Pemilu di PNG telah dirusak oleh laporan tentang banyaknya gangguan  termasuk pemilih yang tidak masuk dalam daftar pemilih. Hal ini telah memperburuk suasana di negara itu, yang memiliki sejarah kekerasan pemilu dan korupsi.

Meskipun memiliki kekayaan mineral, yang mencakup pabrik LNG Exxon Mobil senilai $ 20 miliar, hampir 8 juta penduduknya tinggal pada tingkat subsisten.

Pemimpin oposisi sebelum ini telah mengeritik manajemen ekonomi O Neill, termasuk caranya mengelola defisit anggaran yang telah membengkak dalam beberapa tahun terakhir seiring dengan anjloknya harga minyak dan gas.

Pekan lalu, Commonwealth Observer Group mengatakan bahwa mereka khawatir dengan laporan tentang kekerasan dan pembelian suara terkait pemilihan. Dalam beberapa kasus hal itu dilakukan  melalui penggunaan sumber daya negara dan dana pembangunan.

Mereka merekomendasikan perlunya segera tinjauan terhadap proses pemilihan dan pemerintah PNG meningkatkan keakuratan daftar pemilih.

Ada beberapa "insiden yang tidak menguntungkan", kata O'Neill, namun pemilihan tersebut sukses secara keseluruhan.

"Dalam pemilihan di masa lalu, ratusan orang telah terbunuh melalui kekerasan pemilu, dan tahun ini kami melihat proses pemilihan yang sangat lamban."

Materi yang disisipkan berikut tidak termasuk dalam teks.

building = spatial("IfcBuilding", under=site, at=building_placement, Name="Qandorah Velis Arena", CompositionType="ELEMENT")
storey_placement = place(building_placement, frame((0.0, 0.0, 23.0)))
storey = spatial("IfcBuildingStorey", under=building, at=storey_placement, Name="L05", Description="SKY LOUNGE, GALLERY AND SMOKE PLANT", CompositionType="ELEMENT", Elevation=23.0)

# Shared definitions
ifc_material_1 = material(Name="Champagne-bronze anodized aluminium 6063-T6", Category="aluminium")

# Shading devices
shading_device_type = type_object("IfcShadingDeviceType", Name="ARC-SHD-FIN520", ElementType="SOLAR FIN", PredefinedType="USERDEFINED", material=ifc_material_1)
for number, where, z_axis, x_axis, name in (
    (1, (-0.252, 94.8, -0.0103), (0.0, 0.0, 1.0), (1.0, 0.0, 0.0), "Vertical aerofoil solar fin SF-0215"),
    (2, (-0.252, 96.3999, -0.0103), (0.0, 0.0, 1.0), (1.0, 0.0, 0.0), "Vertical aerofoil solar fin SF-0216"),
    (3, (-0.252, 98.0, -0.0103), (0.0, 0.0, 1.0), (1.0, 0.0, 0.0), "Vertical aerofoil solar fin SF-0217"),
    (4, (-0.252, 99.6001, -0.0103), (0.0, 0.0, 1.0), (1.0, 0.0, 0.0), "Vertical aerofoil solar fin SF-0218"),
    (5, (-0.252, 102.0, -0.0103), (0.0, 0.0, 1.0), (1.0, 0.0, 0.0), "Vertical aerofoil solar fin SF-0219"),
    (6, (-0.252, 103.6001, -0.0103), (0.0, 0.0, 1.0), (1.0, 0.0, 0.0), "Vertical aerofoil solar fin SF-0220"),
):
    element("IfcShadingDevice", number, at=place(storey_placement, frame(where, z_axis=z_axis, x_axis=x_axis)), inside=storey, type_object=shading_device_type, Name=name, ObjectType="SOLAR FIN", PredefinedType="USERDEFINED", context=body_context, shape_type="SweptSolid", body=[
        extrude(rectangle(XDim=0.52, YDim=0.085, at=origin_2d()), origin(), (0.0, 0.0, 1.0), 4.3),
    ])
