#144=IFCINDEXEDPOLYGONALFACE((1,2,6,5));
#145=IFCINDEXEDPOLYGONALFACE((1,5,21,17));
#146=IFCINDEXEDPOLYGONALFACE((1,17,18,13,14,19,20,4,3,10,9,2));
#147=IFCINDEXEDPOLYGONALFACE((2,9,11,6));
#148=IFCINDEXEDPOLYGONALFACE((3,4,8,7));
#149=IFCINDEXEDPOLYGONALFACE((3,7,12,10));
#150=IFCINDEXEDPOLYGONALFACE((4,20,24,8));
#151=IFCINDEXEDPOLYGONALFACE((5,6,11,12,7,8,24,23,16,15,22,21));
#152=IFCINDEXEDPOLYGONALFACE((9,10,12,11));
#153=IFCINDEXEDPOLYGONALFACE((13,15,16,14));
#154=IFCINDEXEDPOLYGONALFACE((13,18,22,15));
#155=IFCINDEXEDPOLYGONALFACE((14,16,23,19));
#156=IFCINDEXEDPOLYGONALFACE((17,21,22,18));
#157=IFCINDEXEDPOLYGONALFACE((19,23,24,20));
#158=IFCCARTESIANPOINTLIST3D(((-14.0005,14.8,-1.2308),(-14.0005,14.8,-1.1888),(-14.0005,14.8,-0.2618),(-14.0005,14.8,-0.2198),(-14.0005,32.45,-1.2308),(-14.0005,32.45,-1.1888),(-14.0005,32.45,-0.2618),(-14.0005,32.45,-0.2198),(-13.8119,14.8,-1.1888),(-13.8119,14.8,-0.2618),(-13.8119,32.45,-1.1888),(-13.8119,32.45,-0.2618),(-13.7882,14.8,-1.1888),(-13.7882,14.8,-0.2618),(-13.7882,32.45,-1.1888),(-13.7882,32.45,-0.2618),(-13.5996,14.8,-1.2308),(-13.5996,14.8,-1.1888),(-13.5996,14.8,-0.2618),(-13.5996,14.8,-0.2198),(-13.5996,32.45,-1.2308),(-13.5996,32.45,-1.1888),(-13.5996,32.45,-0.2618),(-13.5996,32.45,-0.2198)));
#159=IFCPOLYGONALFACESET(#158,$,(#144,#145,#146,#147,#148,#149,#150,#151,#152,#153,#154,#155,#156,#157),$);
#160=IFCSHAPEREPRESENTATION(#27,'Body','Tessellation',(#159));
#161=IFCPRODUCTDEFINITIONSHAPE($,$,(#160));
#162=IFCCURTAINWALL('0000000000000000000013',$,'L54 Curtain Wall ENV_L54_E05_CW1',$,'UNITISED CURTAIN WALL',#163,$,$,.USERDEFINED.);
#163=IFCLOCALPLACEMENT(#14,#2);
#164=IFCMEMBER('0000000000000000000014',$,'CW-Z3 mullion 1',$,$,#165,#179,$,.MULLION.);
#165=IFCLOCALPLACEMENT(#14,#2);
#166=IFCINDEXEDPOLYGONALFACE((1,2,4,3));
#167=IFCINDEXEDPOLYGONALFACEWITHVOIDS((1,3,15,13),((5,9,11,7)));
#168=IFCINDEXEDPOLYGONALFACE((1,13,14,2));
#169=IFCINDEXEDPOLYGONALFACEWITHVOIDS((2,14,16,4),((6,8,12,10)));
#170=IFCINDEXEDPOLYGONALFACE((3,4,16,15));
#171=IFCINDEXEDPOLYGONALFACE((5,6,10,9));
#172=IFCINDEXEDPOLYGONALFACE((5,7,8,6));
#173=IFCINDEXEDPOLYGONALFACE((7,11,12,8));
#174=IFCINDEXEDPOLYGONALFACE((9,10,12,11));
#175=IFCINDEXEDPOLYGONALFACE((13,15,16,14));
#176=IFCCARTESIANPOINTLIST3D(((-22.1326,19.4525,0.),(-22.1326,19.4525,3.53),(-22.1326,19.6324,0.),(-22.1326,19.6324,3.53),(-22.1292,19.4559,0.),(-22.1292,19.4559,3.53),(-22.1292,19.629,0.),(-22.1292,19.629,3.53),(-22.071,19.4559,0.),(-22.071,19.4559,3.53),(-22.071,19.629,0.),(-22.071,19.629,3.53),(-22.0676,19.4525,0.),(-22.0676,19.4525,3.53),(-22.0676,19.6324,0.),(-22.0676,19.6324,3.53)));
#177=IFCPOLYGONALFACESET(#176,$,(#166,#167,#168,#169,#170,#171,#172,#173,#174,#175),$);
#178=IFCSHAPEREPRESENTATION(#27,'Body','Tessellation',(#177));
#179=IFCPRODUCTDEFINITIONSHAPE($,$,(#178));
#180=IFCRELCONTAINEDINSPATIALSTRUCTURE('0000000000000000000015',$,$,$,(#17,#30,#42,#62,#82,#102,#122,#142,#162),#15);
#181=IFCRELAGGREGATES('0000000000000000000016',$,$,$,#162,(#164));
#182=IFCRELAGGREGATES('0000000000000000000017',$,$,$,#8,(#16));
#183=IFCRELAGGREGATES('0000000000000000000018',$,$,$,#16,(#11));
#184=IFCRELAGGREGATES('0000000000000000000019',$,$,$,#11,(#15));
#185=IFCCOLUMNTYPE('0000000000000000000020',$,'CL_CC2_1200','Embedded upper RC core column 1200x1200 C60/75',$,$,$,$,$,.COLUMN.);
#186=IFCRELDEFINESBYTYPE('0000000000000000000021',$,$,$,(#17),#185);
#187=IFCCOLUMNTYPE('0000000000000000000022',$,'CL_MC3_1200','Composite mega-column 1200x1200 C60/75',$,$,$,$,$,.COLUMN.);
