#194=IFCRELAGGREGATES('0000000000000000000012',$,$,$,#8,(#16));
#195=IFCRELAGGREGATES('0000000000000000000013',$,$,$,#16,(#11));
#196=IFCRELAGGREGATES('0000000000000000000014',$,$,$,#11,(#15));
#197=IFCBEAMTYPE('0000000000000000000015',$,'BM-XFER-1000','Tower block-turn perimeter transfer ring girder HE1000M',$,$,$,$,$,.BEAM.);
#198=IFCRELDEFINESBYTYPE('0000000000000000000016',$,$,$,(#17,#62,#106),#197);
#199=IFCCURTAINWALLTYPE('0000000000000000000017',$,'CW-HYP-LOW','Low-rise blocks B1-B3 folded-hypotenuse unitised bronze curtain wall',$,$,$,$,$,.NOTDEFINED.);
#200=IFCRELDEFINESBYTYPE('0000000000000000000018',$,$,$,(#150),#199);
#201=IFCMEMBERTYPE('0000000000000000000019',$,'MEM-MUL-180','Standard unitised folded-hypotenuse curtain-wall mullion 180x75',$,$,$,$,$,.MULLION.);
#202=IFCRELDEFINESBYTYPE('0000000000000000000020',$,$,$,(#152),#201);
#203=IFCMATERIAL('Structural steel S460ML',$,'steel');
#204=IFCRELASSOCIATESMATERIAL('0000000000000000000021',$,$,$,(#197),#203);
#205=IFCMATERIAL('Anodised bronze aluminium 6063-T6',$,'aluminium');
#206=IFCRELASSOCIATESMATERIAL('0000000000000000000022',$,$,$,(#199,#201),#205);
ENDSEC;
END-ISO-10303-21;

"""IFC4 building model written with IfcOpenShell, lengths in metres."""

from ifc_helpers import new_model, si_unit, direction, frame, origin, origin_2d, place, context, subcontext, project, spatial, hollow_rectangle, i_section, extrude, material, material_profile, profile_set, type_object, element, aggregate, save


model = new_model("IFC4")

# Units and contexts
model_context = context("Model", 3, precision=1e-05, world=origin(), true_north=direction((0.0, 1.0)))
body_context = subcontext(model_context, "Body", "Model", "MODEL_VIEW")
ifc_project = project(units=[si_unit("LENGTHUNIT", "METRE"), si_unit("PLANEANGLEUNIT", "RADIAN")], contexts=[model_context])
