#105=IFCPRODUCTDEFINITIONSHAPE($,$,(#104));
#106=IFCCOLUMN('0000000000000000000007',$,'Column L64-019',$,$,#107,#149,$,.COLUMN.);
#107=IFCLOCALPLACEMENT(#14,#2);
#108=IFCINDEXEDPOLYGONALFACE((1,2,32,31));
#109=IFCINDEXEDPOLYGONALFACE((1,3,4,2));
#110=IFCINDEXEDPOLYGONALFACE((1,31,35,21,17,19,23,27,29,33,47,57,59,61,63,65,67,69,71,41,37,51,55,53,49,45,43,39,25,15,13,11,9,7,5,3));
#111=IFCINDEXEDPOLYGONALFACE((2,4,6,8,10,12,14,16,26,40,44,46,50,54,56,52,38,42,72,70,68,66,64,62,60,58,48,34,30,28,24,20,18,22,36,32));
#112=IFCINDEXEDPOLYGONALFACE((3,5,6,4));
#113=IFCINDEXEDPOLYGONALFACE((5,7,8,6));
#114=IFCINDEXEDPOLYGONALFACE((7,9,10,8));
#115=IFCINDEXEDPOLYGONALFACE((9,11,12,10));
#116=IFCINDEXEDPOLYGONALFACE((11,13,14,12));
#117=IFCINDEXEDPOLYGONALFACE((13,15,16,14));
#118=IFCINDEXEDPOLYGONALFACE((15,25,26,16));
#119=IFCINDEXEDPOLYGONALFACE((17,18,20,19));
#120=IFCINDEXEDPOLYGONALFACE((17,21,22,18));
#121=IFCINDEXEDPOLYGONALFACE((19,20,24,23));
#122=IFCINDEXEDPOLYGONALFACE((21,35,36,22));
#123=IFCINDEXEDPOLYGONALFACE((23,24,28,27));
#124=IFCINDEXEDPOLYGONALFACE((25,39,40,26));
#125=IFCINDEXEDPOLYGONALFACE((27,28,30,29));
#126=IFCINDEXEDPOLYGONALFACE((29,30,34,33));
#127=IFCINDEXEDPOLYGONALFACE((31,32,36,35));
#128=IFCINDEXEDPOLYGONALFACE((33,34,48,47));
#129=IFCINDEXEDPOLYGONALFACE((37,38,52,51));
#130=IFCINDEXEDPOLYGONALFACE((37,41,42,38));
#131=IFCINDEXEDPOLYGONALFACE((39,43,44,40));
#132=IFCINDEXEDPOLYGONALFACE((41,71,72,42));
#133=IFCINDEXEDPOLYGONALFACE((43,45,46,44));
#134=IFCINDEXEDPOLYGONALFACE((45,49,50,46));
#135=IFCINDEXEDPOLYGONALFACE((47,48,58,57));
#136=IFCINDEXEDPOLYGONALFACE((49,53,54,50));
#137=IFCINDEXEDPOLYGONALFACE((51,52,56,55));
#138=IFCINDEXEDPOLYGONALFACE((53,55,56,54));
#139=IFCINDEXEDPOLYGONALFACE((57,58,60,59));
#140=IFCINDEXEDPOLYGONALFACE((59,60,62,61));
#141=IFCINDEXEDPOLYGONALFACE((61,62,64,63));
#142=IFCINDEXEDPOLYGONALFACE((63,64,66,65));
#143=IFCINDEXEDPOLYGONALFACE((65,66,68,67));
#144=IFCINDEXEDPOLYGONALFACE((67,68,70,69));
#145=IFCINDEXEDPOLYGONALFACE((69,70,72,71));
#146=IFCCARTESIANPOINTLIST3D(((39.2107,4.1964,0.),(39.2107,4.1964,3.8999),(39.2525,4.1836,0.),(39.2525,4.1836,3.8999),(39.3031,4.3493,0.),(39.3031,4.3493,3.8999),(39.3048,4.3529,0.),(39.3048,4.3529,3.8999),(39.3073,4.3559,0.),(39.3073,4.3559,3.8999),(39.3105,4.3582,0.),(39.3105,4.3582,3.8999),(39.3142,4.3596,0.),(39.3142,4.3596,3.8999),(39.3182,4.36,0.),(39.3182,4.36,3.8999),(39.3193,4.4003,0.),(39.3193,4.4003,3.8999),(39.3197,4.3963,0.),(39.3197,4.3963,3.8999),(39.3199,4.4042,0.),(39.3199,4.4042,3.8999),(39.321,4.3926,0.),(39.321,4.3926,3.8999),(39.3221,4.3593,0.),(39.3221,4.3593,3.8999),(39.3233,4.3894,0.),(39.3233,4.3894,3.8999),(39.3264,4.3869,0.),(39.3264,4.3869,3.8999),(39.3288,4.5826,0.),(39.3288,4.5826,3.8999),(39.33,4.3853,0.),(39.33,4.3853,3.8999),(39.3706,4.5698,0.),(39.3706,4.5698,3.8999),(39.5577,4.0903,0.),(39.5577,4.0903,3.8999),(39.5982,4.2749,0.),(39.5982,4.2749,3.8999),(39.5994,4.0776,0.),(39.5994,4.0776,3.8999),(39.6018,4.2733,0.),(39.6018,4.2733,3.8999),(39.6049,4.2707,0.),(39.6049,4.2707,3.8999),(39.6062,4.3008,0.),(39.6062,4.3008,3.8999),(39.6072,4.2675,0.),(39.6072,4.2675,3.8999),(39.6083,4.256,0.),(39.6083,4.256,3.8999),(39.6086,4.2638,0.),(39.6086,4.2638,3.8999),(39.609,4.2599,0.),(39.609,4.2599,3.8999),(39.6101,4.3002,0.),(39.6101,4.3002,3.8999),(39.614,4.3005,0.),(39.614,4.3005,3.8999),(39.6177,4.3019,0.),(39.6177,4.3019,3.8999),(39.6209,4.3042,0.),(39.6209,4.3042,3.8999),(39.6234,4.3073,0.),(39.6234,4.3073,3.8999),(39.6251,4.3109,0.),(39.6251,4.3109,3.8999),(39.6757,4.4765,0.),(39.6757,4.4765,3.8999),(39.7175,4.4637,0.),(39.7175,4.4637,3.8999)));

O'Neill, yang mulai berkuasa pada tahun 2012, berjanji untuk mengendalikan korupsi, telah menghadapi tuduhan mengizinkan pembayaran penipuan jutaan dolar kepada sebuah firma hukum terkemuka.

Pada tahun 2014, sebuah badan pengawas anti-korupsi mengeluarkan perintah penangkapan dirinya atas insiden tersebut, yang disangkal oleh O'Neill. Dia menolak untuk mematuhi perintah itu dan menghentikan pendanaan badan pengawas anti korupsi tersebut.

Di Papua Nugini, kekuasaan eksekutif terletak pada Perdana Menteri, yang mengepalai kabinet. PM dipilih oleh anggota parlemen nasionak, yang memiliki 109 kursi, 20 di antaranya ditempati oleh para gubernur dari 19 provinsi dan Distrik Ibukota Nasional.